Later, blood tests were positive to be a match for the father of her child and she finally confessed. A blood test alone was not going to get an indictment to arrest her. The confession sealed the deal. It was a sad day in the barracks. Very quiet, that's for sure.
 
Another reason to remember why abortion needs to be legal and safe. At our age it should be a no-brainer. If you're too old for an unwanted pregnancy at least keep it open to future generations. We don't have to go back to the age of the coat hanger. Safe Haven is a help but still not enough. Before Roe v. Wade and Safe Haven there were so many deaths of women and babies, because there was no choice.
 
Another reason to remember why abortion needs to be legal and safe. At our age it should be a no-brainer. If you're too old for an unwanted pregnancy at least keep it open to future generations. We don't have to go back to the age of the coat hanger. Safe Haven is a help but still not enough. Before Roe v. Wade and Safe Haven there were so many deaths of women and babies, because there was no choice.

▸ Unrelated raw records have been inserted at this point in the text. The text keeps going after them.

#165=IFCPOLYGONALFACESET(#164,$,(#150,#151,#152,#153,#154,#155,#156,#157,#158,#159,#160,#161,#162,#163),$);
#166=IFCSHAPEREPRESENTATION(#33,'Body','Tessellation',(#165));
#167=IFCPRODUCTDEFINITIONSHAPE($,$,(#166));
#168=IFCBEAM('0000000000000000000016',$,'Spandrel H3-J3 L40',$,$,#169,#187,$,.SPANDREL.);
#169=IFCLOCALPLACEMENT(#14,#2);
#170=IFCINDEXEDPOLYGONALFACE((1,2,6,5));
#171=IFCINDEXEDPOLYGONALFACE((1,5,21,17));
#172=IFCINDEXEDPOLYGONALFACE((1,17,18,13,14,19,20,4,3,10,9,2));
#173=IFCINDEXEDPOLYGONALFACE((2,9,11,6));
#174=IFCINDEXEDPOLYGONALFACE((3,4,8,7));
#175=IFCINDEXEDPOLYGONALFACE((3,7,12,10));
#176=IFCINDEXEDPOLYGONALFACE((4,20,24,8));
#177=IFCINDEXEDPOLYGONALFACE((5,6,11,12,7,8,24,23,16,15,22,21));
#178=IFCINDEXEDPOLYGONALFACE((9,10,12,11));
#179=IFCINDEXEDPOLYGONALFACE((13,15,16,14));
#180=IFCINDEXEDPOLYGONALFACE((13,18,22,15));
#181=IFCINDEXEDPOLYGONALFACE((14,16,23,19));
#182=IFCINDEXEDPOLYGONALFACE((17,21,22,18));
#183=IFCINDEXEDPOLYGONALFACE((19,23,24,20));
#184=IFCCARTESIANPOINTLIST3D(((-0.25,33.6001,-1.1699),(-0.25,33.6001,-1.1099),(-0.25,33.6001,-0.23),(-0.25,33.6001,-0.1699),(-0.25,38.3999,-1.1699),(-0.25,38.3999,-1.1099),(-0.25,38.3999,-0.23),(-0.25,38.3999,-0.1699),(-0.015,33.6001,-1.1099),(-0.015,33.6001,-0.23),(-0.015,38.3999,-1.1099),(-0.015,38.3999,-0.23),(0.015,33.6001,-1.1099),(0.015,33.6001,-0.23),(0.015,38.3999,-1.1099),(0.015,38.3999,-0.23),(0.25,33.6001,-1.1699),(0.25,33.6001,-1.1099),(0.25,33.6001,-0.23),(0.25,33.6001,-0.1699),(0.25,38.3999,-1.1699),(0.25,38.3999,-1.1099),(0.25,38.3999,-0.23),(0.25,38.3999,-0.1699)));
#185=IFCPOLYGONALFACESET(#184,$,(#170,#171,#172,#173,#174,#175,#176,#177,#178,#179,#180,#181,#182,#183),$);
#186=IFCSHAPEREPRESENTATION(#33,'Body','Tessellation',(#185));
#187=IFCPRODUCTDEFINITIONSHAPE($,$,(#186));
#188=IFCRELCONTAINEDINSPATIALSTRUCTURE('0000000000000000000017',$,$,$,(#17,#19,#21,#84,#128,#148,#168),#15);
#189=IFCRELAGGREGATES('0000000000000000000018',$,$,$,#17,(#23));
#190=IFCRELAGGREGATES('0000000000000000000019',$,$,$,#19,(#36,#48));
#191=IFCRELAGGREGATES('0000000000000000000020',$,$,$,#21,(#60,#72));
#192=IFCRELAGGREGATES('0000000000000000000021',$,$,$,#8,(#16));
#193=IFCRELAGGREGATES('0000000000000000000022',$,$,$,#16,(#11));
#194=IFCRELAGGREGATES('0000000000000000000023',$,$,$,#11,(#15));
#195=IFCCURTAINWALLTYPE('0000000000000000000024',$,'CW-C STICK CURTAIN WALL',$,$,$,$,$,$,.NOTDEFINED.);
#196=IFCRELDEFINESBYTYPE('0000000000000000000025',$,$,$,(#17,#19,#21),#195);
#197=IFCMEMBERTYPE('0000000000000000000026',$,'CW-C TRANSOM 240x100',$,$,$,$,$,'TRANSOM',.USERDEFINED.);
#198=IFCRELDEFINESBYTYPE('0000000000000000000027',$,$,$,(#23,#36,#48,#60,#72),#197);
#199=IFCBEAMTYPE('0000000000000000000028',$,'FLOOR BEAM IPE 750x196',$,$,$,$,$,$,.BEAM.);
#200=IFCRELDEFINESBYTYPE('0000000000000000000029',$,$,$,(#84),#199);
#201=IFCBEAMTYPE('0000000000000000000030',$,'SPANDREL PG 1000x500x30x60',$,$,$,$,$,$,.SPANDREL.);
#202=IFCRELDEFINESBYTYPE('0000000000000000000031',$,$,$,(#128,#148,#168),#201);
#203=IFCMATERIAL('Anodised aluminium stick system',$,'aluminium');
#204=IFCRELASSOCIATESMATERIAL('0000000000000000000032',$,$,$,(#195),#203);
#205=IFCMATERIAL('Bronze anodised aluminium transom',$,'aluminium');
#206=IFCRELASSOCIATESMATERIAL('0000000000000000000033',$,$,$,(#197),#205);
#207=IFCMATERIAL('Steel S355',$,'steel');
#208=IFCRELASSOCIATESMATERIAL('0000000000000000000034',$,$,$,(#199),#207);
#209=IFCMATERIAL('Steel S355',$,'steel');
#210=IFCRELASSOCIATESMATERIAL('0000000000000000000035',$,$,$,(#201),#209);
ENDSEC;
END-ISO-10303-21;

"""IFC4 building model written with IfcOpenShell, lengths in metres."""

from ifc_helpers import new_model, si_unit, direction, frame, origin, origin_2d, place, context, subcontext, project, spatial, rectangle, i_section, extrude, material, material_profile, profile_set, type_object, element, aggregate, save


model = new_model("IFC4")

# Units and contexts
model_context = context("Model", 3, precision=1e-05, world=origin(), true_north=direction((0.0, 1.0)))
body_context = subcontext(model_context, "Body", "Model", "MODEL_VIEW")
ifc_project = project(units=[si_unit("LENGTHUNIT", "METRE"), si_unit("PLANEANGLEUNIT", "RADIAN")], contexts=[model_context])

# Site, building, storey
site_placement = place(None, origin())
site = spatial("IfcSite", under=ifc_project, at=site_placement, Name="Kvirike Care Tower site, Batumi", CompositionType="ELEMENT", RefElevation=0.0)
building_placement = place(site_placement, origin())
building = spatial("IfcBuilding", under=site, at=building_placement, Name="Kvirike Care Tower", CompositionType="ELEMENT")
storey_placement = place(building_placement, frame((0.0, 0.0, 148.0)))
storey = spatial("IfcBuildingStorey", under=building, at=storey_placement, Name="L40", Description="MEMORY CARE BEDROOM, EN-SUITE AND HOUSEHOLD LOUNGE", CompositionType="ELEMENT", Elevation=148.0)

fureverywhere, you seem to be very defensive as if people are judging you for some reason. I certainly am not. It takes courage to decide to have an abortion and even more courage to decide not to have one when you know that the baby will have severe problems and require care and attention long after other children have become independent. Downs syndrome is not the only condition where this decision is faced. Cystic fibrosis and muscular dystrophy are heart breaking genetic conditions that can now be tested for where there is a family history but the choices are not easy.

We have a young relative with osteogenesis imperfecta and her life has not been easy but it has been a life worth living. One of my grand daughters has triple X syndrome and when it comes time for her to start a family she will need genetic counselling and possibly IVF treatment to select an embryo that is unaffected. Even then she will continue to need the help of her mother and grandmother to raise a child who could be much brighter than she is. As long as I am alive I will be there for her.

Parents who devote themselves to their handicapped adult children carry a huge burden and I do not judge any who decide to terminate a pregnancy when faced with such a future. Safe, legal terminations must be available and no-one should pass judgement on those women/couples who decide that they need one.